# Where is my fresh water tank on my new RV?



## Calirican

Hello - we are RV newbies with a 26 ft. Coachman Freedom Express (2008).  We have taken weekend trips, but are about to cross country and we can't seem to find out holding tank for fresh water... We are supposed to have one...want to make sure we know where it is since we will be traveling 10 hours a day or so in a few weeks.  Thanks to anyone who can help us. The manual is a copy of a copy of several previous year models... no help there. :blush:


----------



## rjf7g

Re: Where is my fresh water tank on my new RV?

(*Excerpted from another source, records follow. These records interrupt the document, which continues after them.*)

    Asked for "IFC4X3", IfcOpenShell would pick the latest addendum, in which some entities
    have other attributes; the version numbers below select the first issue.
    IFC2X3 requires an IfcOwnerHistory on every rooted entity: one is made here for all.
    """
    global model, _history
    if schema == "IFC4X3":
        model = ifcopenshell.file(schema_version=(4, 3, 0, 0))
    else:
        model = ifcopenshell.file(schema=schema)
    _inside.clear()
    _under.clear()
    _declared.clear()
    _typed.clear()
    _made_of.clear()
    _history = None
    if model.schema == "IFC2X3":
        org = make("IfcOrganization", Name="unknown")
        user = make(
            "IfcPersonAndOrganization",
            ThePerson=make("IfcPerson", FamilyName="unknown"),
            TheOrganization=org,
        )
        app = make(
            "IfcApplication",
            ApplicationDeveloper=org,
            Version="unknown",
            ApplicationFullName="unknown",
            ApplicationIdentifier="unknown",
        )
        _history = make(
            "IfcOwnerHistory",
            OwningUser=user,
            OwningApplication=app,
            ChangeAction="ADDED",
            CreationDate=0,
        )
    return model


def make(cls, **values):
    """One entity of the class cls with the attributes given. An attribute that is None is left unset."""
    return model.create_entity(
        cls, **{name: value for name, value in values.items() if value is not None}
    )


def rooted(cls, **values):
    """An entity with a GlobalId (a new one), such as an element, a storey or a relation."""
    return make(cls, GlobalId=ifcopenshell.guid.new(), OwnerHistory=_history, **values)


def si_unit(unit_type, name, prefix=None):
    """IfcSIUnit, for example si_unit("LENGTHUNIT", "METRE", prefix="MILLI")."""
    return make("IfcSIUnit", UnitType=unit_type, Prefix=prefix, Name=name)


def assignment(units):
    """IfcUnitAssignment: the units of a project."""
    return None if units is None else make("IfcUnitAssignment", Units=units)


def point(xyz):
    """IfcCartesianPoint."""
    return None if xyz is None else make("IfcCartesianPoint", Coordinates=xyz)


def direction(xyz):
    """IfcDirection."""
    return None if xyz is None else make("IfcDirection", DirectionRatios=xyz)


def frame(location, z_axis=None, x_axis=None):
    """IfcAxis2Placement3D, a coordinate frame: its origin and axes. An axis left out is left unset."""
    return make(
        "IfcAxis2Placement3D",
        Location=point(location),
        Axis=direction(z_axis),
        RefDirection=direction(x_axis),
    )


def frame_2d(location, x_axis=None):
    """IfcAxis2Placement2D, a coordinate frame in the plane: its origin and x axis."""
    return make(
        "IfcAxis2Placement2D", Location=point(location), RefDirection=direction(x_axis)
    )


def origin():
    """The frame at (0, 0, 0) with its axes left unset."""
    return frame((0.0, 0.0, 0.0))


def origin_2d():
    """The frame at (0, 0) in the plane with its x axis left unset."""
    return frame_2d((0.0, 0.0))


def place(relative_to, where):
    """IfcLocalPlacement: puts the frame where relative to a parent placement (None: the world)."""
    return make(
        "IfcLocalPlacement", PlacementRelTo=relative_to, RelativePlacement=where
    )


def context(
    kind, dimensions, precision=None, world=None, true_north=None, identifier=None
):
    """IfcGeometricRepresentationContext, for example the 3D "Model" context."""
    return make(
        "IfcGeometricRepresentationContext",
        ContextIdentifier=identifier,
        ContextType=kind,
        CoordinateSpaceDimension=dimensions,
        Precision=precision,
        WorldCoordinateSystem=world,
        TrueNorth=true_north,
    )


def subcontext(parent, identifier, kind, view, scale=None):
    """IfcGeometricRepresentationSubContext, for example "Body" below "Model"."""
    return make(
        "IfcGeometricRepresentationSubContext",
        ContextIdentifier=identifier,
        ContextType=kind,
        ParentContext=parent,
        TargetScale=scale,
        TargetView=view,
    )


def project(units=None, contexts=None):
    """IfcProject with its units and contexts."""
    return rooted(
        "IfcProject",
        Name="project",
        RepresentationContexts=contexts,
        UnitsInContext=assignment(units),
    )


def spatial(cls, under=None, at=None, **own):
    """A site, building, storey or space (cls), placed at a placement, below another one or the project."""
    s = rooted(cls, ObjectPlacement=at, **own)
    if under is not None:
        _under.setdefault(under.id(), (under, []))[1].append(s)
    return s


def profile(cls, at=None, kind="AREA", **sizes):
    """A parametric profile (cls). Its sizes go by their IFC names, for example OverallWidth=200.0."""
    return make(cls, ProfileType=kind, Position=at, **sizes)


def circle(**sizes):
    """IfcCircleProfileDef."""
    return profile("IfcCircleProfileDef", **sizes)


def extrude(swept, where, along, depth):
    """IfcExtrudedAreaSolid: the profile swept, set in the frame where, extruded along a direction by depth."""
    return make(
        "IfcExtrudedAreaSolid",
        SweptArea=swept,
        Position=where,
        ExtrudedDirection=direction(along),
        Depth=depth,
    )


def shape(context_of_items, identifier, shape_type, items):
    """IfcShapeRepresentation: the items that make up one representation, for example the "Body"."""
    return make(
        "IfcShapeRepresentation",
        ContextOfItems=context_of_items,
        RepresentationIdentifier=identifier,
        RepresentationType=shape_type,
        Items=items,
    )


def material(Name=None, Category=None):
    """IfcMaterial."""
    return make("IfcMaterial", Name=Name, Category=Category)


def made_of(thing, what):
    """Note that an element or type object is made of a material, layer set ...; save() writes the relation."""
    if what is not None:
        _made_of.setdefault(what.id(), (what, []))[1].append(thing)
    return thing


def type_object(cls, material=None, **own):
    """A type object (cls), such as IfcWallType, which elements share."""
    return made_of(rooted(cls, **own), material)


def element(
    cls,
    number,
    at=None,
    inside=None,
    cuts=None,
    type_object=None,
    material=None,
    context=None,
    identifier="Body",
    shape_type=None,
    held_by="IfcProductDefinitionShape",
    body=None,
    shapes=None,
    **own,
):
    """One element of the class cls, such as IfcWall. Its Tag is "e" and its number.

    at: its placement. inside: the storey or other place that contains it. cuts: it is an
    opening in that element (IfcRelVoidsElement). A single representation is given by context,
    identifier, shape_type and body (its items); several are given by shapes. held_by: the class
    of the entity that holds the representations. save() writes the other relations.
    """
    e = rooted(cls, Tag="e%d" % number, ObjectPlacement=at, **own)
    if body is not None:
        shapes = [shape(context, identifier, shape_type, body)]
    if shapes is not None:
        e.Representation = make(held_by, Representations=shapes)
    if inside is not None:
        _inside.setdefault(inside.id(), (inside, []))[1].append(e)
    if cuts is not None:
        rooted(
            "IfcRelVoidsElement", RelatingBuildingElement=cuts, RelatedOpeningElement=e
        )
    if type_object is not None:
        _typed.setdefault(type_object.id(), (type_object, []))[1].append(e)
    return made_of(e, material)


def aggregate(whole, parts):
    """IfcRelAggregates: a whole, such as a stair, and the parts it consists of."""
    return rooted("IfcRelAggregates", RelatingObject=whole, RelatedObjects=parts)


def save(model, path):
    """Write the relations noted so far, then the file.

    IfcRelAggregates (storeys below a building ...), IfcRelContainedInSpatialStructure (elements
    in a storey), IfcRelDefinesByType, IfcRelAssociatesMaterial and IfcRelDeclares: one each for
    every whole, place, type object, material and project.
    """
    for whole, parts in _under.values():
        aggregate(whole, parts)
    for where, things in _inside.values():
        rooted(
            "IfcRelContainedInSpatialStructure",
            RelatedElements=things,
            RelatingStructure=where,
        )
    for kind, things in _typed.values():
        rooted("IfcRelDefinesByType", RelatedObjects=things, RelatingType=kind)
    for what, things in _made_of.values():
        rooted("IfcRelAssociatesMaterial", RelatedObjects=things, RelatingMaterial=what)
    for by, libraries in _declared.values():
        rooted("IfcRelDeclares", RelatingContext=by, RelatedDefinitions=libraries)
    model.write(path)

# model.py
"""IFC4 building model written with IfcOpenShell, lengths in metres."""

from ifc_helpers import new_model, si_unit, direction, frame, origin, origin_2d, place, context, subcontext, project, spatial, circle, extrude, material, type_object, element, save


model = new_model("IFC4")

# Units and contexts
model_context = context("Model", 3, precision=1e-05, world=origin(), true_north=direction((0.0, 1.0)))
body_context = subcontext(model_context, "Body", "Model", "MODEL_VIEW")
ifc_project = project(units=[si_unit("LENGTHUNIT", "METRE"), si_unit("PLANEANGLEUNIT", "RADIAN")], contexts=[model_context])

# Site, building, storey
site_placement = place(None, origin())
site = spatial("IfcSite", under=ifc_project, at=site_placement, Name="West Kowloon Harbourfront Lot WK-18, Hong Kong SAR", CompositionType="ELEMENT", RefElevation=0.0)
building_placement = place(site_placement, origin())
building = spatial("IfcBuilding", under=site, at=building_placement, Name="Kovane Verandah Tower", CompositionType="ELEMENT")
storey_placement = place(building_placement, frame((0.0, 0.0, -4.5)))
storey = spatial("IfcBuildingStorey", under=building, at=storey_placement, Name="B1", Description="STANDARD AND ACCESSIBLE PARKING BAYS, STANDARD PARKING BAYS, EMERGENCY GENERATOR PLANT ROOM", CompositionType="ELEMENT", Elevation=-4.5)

Do you have a round cap somewhere on the outside of your camper?  It may be close to your city water connection and it may be behind a square locking door (about 4"x4").  Also, you could crawl underneath your camper and look for a big white box (it may have some pink stuff in it).  If this doesn't help you, call your dealer!


----------



## H2H1

Re: Where is my fresh water tank on my new RV?

WELCOME LAURA, welcome to the forum I bet you have an answer before you go to bed tonight. I bet Ken AT gvst can answer your question. He is expert on the subject. do you an a TT or a 5er. that might important enjoy your new camper and rving


----------



## Grandview Trailer Sa

Re: Where is my fresh water tank on my new RV?

Welcome to the forum Laura,
I am not familiar with the Coachman, but you have a fresh water fill on the side of your trailer.  That hose goes to the fresh water tank.  Becky is right, if you look underneath, the white tank will be your fresh water.
Any more questions, let us know.


----------



## Kirk

Re: Where is my fresh water tank on my new RV?

The Freedom Express is a class C and probably has a tank fill valve that you open to fill the fresh water tank from the city water connection. But since this is a new coach, didn't the dealer teach you how to use it? If not, go back where you bought it and have them show you this, as well as anything else that you don't know. And ask the dealer to get you a "real" owner's manual as they are cutting corners by copying them as I have seen the books that can be purchased from Coachman and you should have received one. This unit is built by Coachman for exclusive sale by Camping World and is basically the same unit as the Freelander sold by other Coachman dealers. 

Most likely the fresh water tank is located under the bed, but the fill valve is what you need to locate in order to fill the tank. Drive it back where you purchased it and insist that the sales people or someone show you all of the things which you need to know.


----------



## hertig

Re: Where is my fresh water tank on my new RV?

If you do have a fill port, it can be a little tricky to get water into it.  When I had a trailer, I got one of those special tank filling nozzles with a shut off valve from Camping World for a few bucks, made it much easier to fill the tank.  Of course, the motorhome gets the tank fill right from the city water connection as Kirk mentions, and all I do is flip a valve to fill.


----------



## rjf7g

Re: Where is my fresh water tank on my new RV?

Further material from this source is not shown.